Put that light out

My annual rant about light pollution (and a couple of photographs of Venus & Saturn in the early morning sky).

Have you ever stood outside on a crisp clear night and looked up at the night sky and found yourself lost in wonder? A few years ago in a rural location as the Sun dropped beneath the horizon the sky became a source of inspiration not only for astronomers but for writers and artists everywhere. Now as the Sun vanishes for the day you hardly notice as factories and houses become illuminated by a myriad of lights. Some factories need hundreds of lights even when they’re closed, and householders have taken to lighting every nook and cranny of the houses exterior either through vanity or a misguided attempt at increasing security (I say misguided as lighting the outside of your house normally gives burglars more of an opportunity to gain entry than a normal house. Standing in my garden this morning I took the following photograph…

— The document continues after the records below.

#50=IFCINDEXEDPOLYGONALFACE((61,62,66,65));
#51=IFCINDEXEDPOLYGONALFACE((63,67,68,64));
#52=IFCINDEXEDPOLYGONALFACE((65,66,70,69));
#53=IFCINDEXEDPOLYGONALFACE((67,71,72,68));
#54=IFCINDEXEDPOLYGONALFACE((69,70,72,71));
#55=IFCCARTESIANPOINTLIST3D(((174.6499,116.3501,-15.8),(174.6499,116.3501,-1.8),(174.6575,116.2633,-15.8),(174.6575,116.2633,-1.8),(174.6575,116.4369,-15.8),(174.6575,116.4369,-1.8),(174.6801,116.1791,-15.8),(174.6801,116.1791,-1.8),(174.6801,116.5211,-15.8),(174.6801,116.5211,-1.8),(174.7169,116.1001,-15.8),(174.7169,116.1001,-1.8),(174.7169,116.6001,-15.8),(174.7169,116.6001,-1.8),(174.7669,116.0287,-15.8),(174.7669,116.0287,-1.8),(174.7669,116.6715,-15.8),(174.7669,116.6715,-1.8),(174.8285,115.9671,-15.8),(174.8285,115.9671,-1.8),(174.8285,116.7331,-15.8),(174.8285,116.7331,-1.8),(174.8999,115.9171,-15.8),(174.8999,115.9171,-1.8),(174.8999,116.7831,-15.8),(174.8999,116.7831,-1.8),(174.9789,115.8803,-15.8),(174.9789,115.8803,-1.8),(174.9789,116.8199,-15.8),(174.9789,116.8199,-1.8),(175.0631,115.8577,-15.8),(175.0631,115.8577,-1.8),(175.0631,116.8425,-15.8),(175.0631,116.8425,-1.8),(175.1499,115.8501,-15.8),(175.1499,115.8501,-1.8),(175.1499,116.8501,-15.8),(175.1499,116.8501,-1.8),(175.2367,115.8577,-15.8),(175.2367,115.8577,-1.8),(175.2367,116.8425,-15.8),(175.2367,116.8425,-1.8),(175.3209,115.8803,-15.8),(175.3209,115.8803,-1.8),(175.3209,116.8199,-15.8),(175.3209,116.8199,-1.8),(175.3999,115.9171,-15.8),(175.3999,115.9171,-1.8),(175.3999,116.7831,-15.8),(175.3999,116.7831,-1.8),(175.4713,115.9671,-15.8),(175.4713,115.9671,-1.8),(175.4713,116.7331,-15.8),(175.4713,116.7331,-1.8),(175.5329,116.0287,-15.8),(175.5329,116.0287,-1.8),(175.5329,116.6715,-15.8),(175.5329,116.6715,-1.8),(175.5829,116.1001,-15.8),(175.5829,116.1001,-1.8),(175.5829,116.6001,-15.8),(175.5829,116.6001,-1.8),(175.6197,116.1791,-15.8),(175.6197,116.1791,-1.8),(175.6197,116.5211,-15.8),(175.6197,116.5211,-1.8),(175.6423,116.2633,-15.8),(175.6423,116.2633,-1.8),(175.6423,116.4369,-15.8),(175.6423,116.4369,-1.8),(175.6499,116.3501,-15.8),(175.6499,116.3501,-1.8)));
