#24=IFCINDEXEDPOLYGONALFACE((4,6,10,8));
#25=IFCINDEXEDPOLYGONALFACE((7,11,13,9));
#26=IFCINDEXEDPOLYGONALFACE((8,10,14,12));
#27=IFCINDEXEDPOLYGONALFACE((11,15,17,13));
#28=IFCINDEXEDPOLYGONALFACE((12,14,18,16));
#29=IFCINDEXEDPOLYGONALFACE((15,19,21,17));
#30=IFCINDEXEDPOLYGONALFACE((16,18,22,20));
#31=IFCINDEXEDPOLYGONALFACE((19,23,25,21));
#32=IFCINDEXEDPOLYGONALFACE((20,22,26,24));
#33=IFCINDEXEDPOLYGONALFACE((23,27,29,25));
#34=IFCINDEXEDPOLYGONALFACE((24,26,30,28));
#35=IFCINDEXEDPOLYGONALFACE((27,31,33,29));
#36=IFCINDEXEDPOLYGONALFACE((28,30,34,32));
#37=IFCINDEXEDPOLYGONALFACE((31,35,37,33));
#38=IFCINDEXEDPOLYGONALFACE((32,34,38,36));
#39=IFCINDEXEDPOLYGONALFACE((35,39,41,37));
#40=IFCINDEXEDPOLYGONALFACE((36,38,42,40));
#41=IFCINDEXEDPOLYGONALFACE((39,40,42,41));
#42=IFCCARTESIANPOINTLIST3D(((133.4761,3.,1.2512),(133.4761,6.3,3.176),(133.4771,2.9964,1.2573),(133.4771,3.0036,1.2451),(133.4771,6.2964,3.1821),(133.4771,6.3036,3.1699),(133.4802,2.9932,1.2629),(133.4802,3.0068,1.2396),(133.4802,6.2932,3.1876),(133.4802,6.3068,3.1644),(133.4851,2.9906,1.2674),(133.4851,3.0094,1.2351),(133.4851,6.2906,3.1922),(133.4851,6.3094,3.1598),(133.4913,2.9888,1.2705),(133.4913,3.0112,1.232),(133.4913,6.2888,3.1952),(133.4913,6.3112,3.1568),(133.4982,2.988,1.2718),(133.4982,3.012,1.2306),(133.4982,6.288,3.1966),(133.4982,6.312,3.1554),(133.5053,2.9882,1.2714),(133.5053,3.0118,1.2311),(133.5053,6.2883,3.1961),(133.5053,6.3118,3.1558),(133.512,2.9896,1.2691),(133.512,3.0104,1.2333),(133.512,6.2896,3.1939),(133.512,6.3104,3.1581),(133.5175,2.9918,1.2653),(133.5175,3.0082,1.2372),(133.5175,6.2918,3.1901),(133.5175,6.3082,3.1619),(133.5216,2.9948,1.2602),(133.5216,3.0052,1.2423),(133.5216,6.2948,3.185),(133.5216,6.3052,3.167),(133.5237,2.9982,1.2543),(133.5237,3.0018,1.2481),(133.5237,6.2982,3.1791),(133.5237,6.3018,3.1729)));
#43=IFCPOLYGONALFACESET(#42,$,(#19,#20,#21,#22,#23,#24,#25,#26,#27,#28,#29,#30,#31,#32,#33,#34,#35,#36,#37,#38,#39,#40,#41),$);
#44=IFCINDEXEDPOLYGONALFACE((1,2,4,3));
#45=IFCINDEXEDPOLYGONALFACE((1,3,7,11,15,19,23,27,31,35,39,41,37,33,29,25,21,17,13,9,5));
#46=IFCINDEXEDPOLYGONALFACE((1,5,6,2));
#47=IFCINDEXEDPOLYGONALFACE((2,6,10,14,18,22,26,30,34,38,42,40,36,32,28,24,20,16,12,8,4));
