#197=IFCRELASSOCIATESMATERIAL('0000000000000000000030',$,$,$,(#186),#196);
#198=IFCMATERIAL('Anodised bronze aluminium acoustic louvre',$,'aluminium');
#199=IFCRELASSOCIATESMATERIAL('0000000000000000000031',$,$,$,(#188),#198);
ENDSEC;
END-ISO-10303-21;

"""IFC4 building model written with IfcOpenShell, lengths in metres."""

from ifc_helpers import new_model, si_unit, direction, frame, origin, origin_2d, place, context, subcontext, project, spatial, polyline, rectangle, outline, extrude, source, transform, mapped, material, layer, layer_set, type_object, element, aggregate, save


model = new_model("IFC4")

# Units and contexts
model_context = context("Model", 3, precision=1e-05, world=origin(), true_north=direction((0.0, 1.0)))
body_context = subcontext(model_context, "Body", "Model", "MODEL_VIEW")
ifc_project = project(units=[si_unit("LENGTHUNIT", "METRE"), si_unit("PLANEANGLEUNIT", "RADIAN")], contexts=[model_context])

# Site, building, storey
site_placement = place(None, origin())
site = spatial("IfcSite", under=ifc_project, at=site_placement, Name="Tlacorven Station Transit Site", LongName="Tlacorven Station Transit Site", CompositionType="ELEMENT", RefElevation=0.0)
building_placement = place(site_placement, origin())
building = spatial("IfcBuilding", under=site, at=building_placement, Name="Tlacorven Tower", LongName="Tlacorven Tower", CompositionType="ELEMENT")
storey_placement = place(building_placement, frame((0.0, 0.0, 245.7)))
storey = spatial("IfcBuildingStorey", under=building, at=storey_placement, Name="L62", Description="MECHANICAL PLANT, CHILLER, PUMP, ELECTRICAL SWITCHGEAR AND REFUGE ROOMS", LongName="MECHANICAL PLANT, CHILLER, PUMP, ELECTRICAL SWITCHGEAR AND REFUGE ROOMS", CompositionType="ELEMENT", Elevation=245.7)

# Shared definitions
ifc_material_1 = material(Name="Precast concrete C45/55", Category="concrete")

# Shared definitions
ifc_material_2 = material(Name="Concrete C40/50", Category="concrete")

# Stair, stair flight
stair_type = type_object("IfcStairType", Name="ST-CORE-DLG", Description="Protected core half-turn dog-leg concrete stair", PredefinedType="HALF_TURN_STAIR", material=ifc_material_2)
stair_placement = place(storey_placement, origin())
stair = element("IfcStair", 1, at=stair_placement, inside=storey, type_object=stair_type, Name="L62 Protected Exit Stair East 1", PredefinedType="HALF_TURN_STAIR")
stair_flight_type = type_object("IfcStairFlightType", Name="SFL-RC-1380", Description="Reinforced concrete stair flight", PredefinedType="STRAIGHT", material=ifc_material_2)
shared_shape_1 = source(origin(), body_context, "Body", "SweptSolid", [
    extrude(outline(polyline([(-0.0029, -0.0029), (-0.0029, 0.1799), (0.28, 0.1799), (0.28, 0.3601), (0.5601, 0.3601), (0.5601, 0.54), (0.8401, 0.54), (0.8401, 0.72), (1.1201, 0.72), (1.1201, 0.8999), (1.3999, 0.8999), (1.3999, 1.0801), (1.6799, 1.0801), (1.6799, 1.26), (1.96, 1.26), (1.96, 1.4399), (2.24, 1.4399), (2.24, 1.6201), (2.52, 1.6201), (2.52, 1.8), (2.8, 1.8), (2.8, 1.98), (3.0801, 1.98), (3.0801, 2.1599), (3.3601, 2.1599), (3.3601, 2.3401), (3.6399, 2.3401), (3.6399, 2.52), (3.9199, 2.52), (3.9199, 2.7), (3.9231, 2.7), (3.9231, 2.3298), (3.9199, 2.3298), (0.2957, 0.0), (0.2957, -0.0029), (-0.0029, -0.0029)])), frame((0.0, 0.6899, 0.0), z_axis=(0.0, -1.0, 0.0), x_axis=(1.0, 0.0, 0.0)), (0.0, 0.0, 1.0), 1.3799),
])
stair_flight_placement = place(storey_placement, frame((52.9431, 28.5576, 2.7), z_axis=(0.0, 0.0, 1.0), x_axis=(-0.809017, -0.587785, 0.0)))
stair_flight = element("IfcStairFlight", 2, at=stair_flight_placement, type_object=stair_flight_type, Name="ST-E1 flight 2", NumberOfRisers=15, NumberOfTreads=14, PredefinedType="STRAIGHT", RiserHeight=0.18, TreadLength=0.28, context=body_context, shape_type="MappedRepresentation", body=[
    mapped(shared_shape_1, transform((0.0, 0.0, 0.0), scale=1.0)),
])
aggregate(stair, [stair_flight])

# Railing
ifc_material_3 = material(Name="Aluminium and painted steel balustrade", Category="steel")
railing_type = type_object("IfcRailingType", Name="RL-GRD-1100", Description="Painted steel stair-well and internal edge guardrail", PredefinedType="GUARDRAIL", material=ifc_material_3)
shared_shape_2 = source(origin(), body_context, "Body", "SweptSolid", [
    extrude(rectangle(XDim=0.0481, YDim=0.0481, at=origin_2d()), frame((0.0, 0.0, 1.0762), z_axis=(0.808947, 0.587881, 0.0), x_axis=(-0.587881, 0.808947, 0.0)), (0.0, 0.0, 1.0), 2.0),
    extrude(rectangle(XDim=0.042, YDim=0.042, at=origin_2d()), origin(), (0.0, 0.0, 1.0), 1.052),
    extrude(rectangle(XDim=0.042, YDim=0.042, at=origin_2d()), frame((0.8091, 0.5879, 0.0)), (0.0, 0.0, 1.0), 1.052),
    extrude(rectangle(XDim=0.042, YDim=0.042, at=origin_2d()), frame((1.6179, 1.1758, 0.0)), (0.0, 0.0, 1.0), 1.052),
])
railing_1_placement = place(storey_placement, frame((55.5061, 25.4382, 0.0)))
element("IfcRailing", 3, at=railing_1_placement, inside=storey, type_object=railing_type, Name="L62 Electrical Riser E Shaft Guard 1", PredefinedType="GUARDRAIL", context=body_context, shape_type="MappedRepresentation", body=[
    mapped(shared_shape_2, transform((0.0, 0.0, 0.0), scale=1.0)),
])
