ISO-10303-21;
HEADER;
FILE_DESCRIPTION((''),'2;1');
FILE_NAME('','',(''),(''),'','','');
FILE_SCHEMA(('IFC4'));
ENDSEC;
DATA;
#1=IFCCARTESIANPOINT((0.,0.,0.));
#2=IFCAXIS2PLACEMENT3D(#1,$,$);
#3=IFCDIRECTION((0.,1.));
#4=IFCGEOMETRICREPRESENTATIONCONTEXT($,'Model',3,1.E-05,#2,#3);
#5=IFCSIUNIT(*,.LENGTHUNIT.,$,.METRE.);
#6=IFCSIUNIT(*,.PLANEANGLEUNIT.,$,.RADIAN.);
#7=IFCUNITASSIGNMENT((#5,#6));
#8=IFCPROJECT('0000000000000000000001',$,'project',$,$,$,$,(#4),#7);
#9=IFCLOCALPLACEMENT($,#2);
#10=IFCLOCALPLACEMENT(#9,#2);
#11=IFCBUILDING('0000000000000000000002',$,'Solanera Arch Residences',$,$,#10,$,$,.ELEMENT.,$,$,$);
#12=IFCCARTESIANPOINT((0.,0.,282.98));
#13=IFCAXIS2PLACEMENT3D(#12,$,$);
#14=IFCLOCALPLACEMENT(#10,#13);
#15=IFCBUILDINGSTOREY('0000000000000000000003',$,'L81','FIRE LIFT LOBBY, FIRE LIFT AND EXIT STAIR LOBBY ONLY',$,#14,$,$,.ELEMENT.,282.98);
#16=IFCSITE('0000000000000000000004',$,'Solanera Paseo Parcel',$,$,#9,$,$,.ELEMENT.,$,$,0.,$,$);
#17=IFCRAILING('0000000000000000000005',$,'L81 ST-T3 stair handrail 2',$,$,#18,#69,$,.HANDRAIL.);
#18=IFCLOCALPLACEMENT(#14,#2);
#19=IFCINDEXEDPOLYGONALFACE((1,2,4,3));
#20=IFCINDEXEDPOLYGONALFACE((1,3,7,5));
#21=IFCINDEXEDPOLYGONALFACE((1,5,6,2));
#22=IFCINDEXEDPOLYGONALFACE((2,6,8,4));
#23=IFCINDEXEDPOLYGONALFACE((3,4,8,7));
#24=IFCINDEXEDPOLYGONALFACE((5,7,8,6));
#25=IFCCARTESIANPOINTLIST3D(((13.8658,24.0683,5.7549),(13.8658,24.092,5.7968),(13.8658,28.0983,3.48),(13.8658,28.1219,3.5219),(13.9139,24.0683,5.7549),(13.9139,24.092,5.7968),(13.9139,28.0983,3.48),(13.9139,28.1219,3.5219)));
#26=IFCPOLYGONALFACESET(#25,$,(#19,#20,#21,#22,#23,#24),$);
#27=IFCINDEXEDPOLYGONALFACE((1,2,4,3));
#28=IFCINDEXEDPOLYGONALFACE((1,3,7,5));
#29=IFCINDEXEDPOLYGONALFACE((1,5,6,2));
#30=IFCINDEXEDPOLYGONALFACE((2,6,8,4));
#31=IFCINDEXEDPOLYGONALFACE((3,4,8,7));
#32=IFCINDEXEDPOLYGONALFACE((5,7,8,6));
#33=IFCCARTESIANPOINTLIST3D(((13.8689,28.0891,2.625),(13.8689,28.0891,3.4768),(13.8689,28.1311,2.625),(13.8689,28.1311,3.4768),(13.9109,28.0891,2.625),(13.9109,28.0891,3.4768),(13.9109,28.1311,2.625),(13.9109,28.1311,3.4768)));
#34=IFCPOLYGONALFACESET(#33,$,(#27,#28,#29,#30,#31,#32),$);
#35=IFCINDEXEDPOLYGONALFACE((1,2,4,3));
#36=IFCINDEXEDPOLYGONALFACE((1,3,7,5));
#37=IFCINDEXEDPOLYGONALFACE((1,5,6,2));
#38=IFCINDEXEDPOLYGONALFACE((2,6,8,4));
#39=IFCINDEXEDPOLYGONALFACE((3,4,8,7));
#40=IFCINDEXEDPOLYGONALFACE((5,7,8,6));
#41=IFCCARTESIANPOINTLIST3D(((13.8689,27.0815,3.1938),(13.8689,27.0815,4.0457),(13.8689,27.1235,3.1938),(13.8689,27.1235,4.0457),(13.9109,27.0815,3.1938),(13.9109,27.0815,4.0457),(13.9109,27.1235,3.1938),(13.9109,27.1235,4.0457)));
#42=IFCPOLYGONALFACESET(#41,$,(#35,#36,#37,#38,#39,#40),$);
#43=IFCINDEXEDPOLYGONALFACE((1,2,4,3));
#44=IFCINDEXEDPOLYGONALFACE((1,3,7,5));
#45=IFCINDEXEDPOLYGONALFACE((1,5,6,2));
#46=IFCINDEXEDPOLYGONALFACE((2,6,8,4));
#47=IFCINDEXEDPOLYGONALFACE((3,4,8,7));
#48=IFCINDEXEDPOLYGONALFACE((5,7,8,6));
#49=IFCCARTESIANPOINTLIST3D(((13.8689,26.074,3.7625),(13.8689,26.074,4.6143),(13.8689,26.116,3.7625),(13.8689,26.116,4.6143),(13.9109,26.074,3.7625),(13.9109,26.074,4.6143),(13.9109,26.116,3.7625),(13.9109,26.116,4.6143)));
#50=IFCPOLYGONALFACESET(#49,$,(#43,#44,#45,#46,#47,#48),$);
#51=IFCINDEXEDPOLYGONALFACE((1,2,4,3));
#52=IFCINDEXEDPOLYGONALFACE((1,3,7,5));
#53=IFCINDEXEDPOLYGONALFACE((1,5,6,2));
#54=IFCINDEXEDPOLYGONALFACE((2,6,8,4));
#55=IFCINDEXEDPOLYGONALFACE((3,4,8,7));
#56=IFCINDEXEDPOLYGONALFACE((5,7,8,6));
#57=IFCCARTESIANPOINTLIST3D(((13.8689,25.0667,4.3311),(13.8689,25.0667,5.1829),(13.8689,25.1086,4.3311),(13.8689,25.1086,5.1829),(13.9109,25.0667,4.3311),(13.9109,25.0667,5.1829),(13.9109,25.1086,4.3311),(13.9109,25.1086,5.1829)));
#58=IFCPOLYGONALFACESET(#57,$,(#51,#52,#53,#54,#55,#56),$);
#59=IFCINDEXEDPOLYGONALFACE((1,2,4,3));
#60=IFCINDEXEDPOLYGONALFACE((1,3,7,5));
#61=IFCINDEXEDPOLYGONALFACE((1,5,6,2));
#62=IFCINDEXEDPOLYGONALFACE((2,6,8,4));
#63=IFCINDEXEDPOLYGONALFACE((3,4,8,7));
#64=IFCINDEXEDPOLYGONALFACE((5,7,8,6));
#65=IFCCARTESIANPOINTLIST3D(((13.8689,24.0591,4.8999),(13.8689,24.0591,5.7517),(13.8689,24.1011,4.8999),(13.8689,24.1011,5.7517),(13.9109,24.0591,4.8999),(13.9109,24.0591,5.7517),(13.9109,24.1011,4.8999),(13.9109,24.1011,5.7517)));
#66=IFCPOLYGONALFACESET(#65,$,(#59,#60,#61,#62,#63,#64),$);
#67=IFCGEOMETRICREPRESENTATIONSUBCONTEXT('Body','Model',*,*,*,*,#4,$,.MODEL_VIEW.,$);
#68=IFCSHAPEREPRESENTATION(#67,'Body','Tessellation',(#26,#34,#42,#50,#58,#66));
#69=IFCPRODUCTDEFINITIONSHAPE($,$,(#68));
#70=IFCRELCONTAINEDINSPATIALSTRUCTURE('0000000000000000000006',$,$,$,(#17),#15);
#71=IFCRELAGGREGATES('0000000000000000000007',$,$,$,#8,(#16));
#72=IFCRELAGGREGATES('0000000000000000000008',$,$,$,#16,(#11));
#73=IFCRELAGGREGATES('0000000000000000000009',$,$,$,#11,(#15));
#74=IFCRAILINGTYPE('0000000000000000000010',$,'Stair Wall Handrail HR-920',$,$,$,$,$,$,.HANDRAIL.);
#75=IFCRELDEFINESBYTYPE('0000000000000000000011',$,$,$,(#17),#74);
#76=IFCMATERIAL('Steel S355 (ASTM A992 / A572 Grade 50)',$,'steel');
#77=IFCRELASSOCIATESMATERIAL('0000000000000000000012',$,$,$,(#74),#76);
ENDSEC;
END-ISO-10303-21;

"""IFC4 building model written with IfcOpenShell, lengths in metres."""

from ifc_helpers import new_model, si_unit, direction, frame, origin, origin_2d, place, context, subcontext, project, spatial, rectangle, extrude, material, type_object, element, save


model = new_model("IFC4")

# Units and contexts
model_context = context("Model", 3, precision=1e-05, world=origin(), true_north=direction((0.0, 1.0)))
body_context = subcontext(model_context, "Body", "Model", "MODEL_VIEW")
ifc_project = project(units=[si_unit("LENGTHUNIT", "METRE"), si_unit("PLANEANGLEUNIT", "RADIAN")], contexts=[model_context])

# Site, building, storey
site_placement = place(None, origin())
site = spatial("IfcSite", under=ifc_project, at=site_placement, Name="Solanera Paseo Parcel", CompositionType="ELEMENT", RefElevation=0.0)
building_placement = place(site_placement, origin())
building = spatial("IfcBuilding", under=site, at=building_placement, Name="Solanera Arch Residences", CompositionType="ELEMENT")
storey_placement = place(building_placement, frame((0.0, 0.0, 282.98)))
storey = spatial("IfcBuildingStorey", under=building, at=storey_placement, Name="L81", Description="FIRE LIFT LOBBY, FIRE LIFT AND EXIT STAIR LOBBY ONLY", CompositionType="ELEMENT", Elevation=282.98)

# Railing
ifc_material_1 = material(Name="Steel S355 (ASTM A992 / A572 Grade 50)", Category="steel")
railing_type_1 = type_object("IfcRailingType", Name="Stair Wall Handrail HR-920", PredefinedType="HANDRAIL", material=ifc_material_1)
railing_1_placement = place(storey_placement, frame((13.8899, 28.1101, 2.625)))
element("IfcRailing", 1, at=railing_1_placement, inside=storey, type_object=railing_type_1, Name="L81 ST-T3 stair handrail 2", PredefinedType="HANDRAIL", context=body_context, shape_type="SweptSolid", body=[
    extrude(rectangle(XDim=0.0481, YDim=0.0481, at=origin_2d()), frame((0.0, 0.0, 0.876), z_axis=(0.0, -0.870835, 0.491576), x_axis=(1.0, 0.0, 0.0)), (0.0, 0.0, 1.0), 4.6277),
    extrude(rectangle(XDim=0.042, YDim=0.042, at=origin_2d()), origin(), (0.0, 0.0, 1.0), 0.8518),
    extrude(rectangle(XDim=0.042, YDim=0.042, at=origin_2d()), frame((0.0, -1.0076, 0.5688)), (0.0, 0.0, 1.0), 0.8518),
    extrude(rectangle(XDim=0.042, YDim=0.042, at=origin_2d()), frame((0.0, -2.0151, 1.1375)), (0.0, 0.0, 1.0), 0.8518),
    extrude(rectangle(XDim=0.042, YDim=0.042, at=origin_2d()), frame((0.0, -3.0225, 1.7061)), (0.0, 0.0, 1.0), 0.8518),
    extrude(rectangle(XDim=0.042, YDim=0.042, at=origin_2d()), frame((0.0, -4.03, 2.2749)), (0.0, 0.0, 1.0), 0.8518),
])

save(model, "model.ifc")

That white glow above the tree line on the right is Burdens depot, the yard is illuminated by more lights than a football pitch even when they’re closed.

Looking further East we see the glow from Langwathby…

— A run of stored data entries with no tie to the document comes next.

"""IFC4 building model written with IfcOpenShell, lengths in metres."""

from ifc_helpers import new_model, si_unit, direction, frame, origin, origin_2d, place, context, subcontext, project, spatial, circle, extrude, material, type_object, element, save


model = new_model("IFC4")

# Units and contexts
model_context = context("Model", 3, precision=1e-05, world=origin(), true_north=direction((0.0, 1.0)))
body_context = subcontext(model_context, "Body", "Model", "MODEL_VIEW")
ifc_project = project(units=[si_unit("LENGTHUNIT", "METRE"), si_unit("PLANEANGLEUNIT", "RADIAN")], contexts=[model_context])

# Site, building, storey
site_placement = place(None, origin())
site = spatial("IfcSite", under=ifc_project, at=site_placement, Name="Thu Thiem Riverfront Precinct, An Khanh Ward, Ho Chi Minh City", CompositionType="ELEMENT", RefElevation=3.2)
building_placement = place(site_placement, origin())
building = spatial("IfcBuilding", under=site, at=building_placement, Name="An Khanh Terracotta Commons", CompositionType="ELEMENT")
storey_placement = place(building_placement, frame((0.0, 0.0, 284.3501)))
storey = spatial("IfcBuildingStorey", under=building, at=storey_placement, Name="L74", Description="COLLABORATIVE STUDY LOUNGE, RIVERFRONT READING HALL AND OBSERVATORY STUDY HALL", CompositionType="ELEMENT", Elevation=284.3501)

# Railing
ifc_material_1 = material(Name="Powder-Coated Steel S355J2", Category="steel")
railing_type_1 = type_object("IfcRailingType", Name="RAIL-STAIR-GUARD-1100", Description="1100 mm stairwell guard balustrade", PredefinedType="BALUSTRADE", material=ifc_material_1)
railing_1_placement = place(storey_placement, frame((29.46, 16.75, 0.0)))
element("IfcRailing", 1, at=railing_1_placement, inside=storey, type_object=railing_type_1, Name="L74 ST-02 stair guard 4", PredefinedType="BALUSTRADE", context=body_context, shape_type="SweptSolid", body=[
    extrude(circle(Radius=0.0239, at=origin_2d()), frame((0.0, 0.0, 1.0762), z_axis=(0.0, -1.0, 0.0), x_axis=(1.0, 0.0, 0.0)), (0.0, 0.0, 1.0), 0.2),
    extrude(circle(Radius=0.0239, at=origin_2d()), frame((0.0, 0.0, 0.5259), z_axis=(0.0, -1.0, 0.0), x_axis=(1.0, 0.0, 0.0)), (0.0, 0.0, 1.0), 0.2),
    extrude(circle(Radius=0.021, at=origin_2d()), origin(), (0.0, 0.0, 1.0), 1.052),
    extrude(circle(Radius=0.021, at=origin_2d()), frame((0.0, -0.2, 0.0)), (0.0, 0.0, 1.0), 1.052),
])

All those pools of light in the valley illuminating the sky above, for a relatively small village the light pollution from Langwathby is perhaps the worst in the area. It’s made worse by horrendous security lights on a property located on the edge of the village (opposite Frank Birds factory another source of light pollution). The house is so badly illuminated at night that the security lights blind drivers approaching the village.

It’s worth remembering that all the light that pollutes the night sky is energy that has been wasted, in a time when we are trying to reduce energy consumption many people appear intent on wasting energy every night. Perhaps people are content to throw money down the drain?

Without the pollution interfering too much the night sky really is a source of wonder and inspiration, it’s just a pity that the next generation will never see it as it should be seen but through a haze of light from every other house and factory in the Country.

Oh yes, this morning was a partial success with the camera as I managed to capture three planets in one frame…

Labeled version link.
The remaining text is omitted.